Carrie

As part of the Product Design and Systems Engineering in a Team course at EPFL, I contributed to the development of CarriE, an autonomous robot designed to help users carry heavy loads in public indoor spaces such as airports, shopping malls, and train stations. The system combines computer vision for person re-identification, ultrasonic sensors for obstacle detection, and a mobile interface enabling both autonomous and manual control. My main role focused on implementing the camera-based tracking system, developing the web interface between the Raspberry Pi, Arduino and computer, and creating the mobile app used to control the robot. The prototype successfully demonstrated reliable user tracking and smooth navigation, validating the concept for large-scale deployment within a rental-based mobility service.

Final CarriE prototype.

The robot was built as a compact mobile platform capable of transporting up to 50 kilograms while maintaining stability in dynamic environments. It uses two stepper-driven wheels for differential motion and two passive caster wheels for balance. The onboard system integrates a Raspberry Pi 5, an Arduino Uno, and several sensors that handle perception, communication, and control tasks.

Wiring diagram of the CarriE robot system.

The electrical and mechanical integration was realized by connecting the Raspberry Pi, responsible for image processing and data handling, with the Arduino that manages motor control and sensor feedback. The early prototype shown below was used to pitch the project, test the code, and validate the overall design.

Early prototype used for control testing.

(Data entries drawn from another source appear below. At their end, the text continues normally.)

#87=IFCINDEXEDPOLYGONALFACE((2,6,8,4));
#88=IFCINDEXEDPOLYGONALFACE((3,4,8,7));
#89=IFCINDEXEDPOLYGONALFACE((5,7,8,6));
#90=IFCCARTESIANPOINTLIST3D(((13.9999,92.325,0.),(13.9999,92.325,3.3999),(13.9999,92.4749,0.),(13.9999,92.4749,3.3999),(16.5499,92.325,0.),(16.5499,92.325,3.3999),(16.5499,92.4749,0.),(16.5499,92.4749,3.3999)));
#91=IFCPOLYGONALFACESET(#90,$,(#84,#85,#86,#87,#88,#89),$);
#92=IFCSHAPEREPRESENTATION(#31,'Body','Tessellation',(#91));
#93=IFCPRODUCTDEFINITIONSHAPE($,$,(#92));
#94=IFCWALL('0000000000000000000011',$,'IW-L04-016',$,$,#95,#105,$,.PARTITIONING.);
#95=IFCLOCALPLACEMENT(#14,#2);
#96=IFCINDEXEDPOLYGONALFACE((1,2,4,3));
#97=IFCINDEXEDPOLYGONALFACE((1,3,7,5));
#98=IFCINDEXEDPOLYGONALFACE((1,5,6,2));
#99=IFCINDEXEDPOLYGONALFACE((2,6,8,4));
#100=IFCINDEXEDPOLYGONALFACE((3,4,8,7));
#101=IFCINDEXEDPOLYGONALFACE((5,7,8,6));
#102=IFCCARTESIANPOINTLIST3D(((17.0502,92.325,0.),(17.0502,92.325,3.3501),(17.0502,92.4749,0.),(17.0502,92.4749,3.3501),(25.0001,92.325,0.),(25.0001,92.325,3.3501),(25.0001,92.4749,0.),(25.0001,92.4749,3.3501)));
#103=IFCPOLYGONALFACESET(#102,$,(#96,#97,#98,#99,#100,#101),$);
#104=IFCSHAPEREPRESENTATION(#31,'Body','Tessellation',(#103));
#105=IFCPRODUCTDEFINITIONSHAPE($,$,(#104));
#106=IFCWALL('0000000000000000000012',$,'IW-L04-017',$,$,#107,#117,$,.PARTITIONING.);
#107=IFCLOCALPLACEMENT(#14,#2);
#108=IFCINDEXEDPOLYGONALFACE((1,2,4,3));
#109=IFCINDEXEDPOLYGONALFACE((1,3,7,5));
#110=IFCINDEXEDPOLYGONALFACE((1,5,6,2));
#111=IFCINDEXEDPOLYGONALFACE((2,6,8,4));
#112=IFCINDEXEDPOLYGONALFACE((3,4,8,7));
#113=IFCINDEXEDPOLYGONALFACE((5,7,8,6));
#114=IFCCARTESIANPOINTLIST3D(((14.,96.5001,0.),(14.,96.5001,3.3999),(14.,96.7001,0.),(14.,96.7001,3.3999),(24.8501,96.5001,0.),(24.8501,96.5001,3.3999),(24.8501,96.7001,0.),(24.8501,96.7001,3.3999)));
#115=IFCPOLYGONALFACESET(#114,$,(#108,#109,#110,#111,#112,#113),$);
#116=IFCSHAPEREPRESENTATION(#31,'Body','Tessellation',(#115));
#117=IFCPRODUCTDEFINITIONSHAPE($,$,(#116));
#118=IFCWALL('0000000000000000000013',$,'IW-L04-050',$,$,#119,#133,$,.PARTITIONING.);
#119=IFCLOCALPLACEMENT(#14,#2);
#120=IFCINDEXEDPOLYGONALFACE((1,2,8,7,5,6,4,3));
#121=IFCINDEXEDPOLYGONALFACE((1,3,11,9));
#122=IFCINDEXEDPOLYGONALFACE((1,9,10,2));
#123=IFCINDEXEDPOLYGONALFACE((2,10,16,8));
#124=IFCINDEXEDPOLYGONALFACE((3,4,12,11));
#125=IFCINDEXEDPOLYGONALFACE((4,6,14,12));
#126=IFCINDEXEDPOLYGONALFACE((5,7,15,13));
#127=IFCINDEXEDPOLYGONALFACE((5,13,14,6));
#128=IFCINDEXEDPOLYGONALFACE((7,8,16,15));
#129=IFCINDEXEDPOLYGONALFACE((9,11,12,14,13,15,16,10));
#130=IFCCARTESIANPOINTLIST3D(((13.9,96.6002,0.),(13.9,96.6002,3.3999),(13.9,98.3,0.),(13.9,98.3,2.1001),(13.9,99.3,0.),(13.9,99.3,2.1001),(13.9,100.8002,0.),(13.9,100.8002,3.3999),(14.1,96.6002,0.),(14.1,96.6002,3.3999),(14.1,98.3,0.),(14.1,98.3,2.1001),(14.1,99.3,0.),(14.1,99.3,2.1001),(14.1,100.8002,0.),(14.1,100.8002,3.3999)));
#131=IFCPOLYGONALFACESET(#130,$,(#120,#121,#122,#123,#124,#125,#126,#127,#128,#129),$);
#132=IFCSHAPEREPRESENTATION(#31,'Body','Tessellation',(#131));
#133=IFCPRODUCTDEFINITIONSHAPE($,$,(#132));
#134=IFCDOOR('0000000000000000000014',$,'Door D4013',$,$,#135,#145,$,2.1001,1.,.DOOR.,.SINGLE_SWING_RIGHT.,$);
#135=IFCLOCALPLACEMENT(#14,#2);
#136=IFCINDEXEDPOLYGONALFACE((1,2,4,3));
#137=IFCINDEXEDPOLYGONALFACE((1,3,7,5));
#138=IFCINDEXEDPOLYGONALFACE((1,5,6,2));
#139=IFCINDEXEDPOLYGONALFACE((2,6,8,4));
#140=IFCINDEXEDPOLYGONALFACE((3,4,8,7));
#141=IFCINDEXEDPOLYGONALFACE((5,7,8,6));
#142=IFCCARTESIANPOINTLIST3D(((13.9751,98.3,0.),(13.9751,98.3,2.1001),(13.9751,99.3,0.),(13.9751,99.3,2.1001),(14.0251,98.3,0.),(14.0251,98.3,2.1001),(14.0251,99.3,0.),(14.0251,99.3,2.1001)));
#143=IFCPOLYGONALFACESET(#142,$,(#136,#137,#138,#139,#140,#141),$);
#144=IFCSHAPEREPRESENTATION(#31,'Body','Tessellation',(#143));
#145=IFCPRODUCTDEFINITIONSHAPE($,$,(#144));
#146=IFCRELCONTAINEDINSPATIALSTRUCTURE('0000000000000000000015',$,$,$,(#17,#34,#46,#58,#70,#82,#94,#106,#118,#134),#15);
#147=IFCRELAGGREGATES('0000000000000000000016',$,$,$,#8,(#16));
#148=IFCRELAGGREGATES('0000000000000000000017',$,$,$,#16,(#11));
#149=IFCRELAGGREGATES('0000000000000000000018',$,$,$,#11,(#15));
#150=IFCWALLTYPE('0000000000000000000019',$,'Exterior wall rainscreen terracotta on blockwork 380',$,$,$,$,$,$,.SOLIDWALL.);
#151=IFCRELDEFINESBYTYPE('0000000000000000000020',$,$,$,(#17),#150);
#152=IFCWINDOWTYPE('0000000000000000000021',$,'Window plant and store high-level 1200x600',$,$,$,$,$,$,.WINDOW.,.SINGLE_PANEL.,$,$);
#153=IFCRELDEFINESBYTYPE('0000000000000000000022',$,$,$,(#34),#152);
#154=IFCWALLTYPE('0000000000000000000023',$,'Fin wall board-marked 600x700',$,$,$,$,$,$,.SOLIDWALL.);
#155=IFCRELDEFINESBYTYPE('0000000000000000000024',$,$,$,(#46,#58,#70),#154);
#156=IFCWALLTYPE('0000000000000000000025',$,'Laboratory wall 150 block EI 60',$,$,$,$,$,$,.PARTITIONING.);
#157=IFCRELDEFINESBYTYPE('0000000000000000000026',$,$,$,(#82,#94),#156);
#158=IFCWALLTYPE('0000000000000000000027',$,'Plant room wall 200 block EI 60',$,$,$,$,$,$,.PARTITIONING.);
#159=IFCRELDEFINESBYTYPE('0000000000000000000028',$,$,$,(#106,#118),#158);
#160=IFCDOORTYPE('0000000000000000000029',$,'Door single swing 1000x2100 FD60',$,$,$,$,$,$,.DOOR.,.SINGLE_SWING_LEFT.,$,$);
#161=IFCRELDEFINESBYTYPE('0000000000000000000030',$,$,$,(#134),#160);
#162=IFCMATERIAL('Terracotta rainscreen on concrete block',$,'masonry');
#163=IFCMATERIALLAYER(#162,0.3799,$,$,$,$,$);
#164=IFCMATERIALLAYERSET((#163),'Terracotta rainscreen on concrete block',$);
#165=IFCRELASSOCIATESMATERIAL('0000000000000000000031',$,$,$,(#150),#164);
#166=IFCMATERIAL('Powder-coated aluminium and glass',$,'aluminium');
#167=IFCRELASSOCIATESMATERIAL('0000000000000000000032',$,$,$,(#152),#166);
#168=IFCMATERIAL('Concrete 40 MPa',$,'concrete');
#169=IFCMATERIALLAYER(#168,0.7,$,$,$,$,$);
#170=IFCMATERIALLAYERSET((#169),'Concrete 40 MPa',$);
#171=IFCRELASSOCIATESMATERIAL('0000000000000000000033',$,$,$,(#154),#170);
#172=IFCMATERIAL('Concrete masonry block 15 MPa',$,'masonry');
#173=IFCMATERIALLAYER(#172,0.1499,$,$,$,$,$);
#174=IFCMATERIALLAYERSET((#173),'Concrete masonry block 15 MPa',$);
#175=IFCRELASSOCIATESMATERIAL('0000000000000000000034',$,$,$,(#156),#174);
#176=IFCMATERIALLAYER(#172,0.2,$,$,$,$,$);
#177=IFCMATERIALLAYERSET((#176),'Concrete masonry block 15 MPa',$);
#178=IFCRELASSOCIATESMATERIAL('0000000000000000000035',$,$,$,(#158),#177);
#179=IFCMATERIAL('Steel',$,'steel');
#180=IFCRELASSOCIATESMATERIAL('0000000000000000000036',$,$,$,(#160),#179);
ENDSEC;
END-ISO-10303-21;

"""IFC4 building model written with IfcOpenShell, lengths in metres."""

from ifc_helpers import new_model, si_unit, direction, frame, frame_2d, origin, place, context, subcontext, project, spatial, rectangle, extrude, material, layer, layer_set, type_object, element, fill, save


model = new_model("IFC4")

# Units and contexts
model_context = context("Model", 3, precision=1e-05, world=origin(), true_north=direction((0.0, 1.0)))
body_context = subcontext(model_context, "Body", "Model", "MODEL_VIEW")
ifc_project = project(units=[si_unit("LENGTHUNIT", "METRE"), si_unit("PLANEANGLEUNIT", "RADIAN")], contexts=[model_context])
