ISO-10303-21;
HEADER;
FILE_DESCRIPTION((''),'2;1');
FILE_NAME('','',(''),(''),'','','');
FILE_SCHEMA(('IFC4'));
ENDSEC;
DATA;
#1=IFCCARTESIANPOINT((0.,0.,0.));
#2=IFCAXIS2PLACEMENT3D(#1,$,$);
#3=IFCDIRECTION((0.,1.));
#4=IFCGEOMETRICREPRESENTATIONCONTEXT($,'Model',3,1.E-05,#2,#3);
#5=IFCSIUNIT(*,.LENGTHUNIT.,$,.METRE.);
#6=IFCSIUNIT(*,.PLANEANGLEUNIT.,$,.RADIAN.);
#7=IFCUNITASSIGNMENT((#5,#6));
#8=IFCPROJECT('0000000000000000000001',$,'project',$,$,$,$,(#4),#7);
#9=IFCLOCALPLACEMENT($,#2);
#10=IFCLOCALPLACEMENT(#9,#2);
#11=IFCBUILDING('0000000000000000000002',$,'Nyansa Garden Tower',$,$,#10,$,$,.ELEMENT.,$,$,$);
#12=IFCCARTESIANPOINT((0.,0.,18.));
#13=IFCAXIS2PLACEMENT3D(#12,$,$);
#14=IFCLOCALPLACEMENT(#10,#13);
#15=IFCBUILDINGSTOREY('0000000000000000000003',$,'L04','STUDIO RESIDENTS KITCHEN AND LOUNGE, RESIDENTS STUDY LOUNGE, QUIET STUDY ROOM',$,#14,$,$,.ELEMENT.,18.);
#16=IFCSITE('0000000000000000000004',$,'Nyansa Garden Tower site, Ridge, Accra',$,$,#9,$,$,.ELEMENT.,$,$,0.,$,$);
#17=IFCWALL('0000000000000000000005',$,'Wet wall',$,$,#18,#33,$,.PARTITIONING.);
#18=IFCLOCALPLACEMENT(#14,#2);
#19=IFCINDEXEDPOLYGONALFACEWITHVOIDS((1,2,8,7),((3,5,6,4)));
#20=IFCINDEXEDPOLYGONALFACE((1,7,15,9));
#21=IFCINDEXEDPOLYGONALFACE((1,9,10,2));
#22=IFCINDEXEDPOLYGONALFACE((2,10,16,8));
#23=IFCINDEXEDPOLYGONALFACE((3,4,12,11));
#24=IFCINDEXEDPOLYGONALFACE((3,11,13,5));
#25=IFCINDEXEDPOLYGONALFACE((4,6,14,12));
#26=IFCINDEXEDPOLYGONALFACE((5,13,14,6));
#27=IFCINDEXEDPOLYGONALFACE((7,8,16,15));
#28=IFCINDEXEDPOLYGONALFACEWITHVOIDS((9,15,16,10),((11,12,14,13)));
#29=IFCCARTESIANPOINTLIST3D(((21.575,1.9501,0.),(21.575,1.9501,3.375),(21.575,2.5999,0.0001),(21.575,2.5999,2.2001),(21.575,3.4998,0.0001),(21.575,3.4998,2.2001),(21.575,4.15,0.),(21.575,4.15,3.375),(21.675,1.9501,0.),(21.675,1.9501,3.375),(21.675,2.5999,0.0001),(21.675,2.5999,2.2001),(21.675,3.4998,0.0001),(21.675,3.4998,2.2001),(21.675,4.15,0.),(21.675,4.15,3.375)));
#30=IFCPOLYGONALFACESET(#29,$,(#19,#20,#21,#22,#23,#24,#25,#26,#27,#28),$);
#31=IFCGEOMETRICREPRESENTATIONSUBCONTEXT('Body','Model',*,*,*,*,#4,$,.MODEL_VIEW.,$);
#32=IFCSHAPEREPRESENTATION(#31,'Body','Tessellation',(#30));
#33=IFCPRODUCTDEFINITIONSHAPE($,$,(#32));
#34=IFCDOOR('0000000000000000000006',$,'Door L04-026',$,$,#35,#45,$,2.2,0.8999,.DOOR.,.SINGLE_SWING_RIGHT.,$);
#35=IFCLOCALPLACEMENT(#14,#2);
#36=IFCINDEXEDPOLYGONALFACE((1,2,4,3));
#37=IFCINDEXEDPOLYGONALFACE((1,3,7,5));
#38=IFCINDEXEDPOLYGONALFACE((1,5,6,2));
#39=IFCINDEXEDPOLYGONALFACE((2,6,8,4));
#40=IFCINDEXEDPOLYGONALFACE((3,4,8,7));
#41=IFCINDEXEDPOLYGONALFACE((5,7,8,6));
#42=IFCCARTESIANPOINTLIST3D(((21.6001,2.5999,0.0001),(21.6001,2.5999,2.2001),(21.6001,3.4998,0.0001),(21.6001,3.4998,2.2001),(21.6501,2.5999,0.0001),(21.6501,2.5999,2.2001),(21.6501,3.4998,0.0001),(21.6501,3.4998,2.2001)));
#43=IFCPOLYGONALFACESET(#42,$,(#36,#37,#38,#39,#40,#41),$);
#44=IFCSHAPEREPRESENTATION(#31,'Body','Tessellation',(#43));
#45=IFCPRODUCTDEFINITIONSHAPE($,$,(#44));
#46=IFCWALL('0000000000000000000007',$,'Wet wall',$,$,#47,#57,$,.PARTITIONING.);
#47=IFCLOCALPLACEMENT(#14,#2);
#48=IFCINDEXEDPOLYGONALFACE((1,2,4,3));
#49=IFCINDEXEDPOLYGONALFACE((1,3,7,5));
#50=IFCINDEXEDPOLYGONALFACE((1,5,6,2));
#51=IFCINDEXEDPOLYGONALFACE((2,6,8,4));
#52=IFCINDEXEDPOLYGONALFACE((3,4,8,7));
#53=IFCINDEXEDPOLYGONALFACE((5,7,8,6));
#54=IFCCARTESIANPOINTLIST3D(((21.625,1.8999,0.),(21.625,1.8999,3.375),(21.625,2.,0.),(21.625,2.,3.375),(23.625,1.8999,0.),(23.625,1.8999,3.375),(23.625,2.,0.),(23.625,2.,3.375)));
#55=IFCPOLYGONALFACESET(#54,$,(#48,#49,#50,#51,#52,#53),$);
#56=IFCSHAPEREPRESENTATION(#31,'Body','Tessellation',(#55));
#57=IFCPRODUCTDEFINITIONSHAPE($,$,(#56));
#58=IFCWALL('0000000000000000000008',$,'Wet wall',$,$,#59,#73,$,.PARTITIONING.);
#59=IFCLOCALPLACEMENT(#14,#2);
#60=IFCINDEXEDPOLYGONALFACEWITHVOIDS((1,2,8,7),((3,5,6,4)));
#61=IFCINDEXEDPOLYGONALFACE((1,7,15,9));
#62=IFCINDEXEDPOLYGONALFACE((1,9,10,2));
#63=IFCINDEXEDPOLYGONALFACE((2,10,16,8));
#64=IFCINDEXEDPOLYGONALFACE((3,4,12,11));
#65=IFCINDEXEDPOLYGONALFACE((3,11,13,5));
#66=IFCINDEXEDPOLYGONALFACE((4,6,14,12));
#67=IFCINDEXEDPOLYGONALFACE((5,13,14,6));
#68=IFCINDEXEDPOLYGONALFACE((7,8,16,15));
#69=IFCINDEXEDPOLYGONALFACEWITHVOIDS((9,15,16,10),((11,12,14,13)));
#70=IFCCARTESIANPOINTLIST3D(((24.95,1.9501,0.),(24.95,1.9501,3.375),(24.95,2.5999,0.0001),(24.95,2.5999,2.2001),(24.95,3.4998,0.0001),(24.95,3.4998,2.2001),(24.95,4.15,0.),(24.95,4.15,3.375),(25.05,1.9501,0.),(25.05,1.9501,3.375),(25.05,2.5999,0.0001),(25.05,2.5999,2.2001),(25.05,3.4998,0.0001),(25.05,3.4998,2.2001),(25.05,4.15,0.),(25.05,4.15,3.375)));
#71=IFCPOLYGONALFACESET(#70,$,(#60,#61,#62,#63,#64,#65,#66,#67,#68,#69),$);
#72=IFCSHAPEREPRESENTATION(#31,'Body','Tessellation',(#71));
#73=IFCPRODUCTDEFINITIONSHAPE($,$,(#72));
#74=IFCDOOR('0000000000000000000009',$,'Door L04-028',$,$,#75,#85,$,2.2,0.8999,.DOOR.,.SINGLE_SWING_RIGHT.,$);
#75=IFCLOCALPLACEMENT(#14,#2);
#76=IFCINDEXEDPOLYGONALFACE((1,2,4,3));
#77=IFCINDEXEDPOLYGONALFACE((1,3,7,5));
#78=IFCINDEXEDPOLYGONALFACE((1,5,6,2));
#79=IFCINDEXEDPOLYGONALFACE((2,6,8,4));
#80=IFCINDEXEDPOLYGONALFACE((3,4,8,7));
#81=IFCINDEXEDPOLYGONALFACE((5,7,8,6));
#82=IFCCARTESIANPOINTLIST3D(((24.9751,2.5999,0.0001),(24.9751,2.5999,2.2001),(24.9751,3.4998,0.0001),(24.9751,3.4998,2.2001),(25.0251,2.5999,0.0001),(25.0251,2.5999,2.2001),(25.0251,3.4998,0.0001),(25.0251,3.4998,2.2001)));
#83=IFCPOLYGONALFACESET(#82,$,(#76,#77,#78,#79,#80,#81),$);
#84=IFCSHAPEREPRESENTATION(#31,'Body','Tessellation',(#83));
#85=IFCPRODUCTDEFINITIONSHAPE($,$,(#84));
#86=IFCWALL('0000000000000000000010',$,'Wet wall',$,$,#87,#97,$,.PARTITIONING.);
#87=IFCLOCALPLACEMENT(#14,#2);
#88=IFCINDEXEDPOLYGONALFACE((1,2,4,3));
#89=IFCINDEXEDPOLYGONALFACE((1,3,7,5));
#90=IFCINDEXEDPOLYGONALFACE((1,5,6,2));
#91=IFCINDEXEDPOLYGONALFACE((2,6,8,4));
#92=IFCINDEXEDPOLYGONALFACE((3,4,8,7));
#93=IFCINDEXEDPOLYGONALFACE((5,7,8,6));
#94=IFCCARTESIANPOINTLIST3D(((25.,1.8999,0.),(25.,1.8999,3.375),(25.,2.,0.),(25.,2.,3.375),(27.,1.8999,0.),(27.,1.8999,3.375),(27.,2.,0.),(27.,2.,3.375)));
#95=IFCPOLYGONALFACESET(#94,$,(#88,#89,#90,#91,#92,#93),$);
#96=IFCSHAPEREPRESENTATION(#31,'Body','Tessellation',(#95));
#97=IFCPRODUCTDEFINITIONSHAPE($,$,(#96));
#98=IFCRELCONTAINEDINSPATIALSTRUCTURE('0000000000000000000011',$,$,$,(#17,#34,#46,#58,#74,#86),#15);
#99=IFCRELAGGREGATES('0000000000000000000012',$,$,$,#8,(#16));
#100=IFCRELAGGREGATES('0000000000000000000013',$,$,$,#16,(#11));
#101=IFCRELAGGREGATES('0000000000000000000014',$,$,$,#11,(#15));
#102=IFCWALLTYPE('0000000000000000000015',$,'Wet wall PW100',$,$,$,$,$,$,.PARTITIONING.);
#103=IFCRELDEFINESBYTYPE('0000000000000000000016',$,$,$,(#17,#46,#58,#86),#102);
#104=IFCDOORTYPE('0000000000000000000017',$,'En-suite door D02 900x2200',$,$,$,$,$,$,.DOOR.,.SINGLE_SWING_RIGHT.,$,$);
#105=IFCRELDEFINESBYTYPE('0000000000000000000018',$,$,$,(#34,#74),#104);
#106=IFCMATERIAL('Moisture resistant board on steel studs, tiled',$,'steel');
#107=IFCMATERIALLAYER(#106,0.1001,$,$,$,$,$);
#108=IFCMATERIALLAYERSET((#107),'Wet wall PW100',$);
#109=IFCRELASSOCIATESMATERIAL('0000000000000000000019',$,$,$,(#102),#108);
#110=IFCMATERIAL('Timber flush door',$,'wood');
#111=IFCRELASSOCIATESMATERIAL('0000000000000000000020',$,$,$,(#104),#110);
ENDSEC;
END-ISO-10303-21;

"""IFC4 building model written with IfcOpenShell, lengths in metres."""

from ifc_helpers import new_model, si_unit, direction, frame, frame_2d, origin, place, context, subcontext, project, spatial, rectangle, extrude, material, layer, layer_set, type_object, element, fill, save


model = new_model("IFC4")

# Units and contexts
model_context = context("Model", 3, precision=1e-05, world=origin(), true_north=direction((0.0, 1.0)))
body_context = subcontext(model_context, "Body", "Model", "MODEL_VIEW")
ifc_project = project(units=[si_unit("LENGTHUNIT", "METRE"), si_unit("PLANEANGLEUNIT", "RADIAN")], contexts=[model_context])

# Site, building, storey
site_placement = place(None, origin())
site = spatial("IfcSite", under=ifc_project, at=site_placement, Name="Nyansa Garden Tower site, Ridge, Accra", CompositionType="ELEMENT", RefElevation=0.0)
building_placement = place(site_placement, origin())
building = spatial("IfcBuilding", under=site, at=building_placement, Name="Nyansa Garden Tower", CompositionType="ELEMENT")
storey_placement = place(building_placement, frame((0.0, 0.0, 18.0)))
storey = spatial("IfcBuildingStorey", under=building, at=storey_placement, Name="L04", Description="STUDIO RESIDENTS KITCHEN AND LOUNGE, RESIDENTS STUDY LOUNGE, QUIET STUDY ROOM", CompositionType="ELEMENT", Elevation=18.0)

# Wall, opening, door
ifc_material_1 = material(Name="Moisture resistant board on steel studs, tiled", Category="steel")
ifc_layer_1 = layer(ifc_material_1, 0.1001)
ifc_layer_set_1 = layer_set([ifc_layer_1], Name="Wet wall PW100")
wall_type_1 = type_object("IfcWallType", Name="Wet wall PW100", PredefinedType="PARTITIONING", material=ifc_layer_set_1)
wall_1_placement = place(storey_placement, frame((21.625, 1.95, 0.0), z_axis=(0.0, 0.0, 1.0), x_axis=(0.0, 1.0, 0.0)))
wall_1 = element("IfcWall", 1, at=wall_1_placement, inside=storey, type_object=wall_type_1, Name="Wet wall", PredefinedType="PARTITIONING", context=body_context, shape_type="SweptSolid", body=[
    extrude(rectangle(XDim=2.2, YDim=0.1001, at=frame_2d((1.1001, 0.0))), origin(), (0.0, 0.0, 1.0), 3.375),
])
opening_1_placement = place(wall_1_placement, frame((0.6499, 0.0, 0.0)))
opening_1 = element("IfcOpeningElement", 2, at=opening_1_placement, cuts=wall_1, PredefinedType="OPENING", context=body_context, shape_type="SweptSolid", body=[
    extrude(rectangle(XDim=0.8999, YDim=2.2, at=frame_2d((0.45, 1.1001))), frame((0.0, 0.0601, 0.0), z_axis=(0.0, -1.0, 0.0), x_axis=(1.0, 0.0, 0.0)), (0.0, 0.0, 1.0), 0.1201),
])
ifc_material_2 = material(Name="Timber flush door", Category="wood")
door_type_1 = type_object("IfcDoorType", Name="En-suite door D02 900x2200", OperationType="SINGLE_SWING_RIGHT", PredefinedType="DOOR", material=ifc_material_2)
door_1_placement = place(opening_1_placement, origin())
door_1 = element("IfcDoor", 3, at=door_1_placement, inside=storey, type_object=door_type_1, Name="Door L04-026", OperationType="SINGLE_SWING_RIGHT", OverallHeight=2.2, OverallWidth=0.8999, PredefinedType="DOOR", context=body_context, shape_type="SweptSolid", body=[
    extrude(rectangle(XDim=0.8999, YDim=2.2, at=frame_2d((0.45, 1.1001))), frame((0.0, 0.0249, 0.0), z_axis=(0.0, -1.0, 0.0), x_axis=(1.0, 0.0, 0.0)), (0.0, 0.0, 1.0), 0.05),
])
fill(opening_1, door_1)

# Wall
wall_2_placement = place(storey_placement, frame((21.625, 1.95, 0.0), z_axis=(0.0, 0.0, 1.0), x_axis=(1.0, 0.0, 0.0)))
element("IfcWall", 4, at=wall_2_placement, inside=storey, type_object=wall_type_1, Name="Wet wall", PredefinedType="PARTITIONING", context=body_context, shape_type="SweptSolid", body=[
    extrude(rectangle(XDim=2.0, YDim=0.1001, at=frame_2d((1.0, 0.0))), origin(), (0.0, 0.0, 1.0), 3.375),
])

# Wall, opening, door
wall_3_placement = place(storey_placement, frame((25.0, 1.95, 0.0), z_axis=(0.0, 0.0, 1.0), x_axis=(0.0, 1.0, 0.0)))
wall_3 = element("IfcWall", 5, at=wall_3_placement, inside=storey, type_object=wall_type_1, Name="Wet wall", PredefinedType="PARTITIONING", context=body_context, shape_type="SweptSolid", body=[
    extrude(rectangle(XDim=2.2, YDim=0.1001, at=frame_2d((1.1001, 0.0))), origin(), (0.0, 0.0, 1.0), 3.375),
])
opening_2_placement = place(wall_3_placement, frame((0.6499, 0.0, 0.0)))
opening_2 = element("IfcOpeningElement", 6, at=opening_2_placement, cuts=wall_3, PredefinedType="OPENING", context=body_context, shape_type="SweptSolid", body=[
    extrude(rectangle(XDim=0.8999, YDim=2.2, at=frame_2d((0.45, 1.1001))), frame((0.0, 0.0601, 0.0), z_axis=(0.0, -1.0, 0.0), x_axis=(1.0, 0.0, 0.0)), (0.0, 0.0, 1.0), 0.1201),
])
door_2_placement = place(opening_2_placement, origin())
door_2 = element("IfcDoor", 7, at=door_2_placement, inside=storey, type_object=door_type_1, Name="Door L04-028", OperationType="SINGLE_SWING_RIGHT", OverallHeight=2.2, OverallWidth=0.8999, PredefinedType="DOOR", context=body_context, shape_type="SweptSolid", body=[
    extrude(rectangle(XDim=0.8999, YDim=2.2, at=frame_2d((0.45, 1.1001))), frame((0.0, 0.0249, 0.0), z_axis=(0.0, -1.0, 0.0), x_axis=(1.0, 0.0, 0.0)), (0.0, 0.0, 1.0), 0.05),
])
fill(opening_2, door_2)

The CarriE robot’s autonomous following ability relies on a person re-identification system that connects a Raspberry Pi 5, a Raspberry Pi AI Camera, and an external computer. The camera detects humans using a MobileNet model, and the Raspberry Pi sends extracted features to a computer through a web-based communication link built with Flask. The computer compares these features to a reference profile using an OSNet embedding model and returns the identification result. The Raspberry Pi interprets this information and sends commands to the Arduino to control the robot’s movement, enabling real-time following with distributed computation.

Communication architecture between camera, Raspberry Pi, and computer.

This distributed architecture allows efficient data flow and responsive control while compensating for the limited computational capacity of the Raspberry Pi. By combining computer vision, embedded programming, and hardware integration, the system demonstrated robust person tracking and smooth mobility in indoor environments.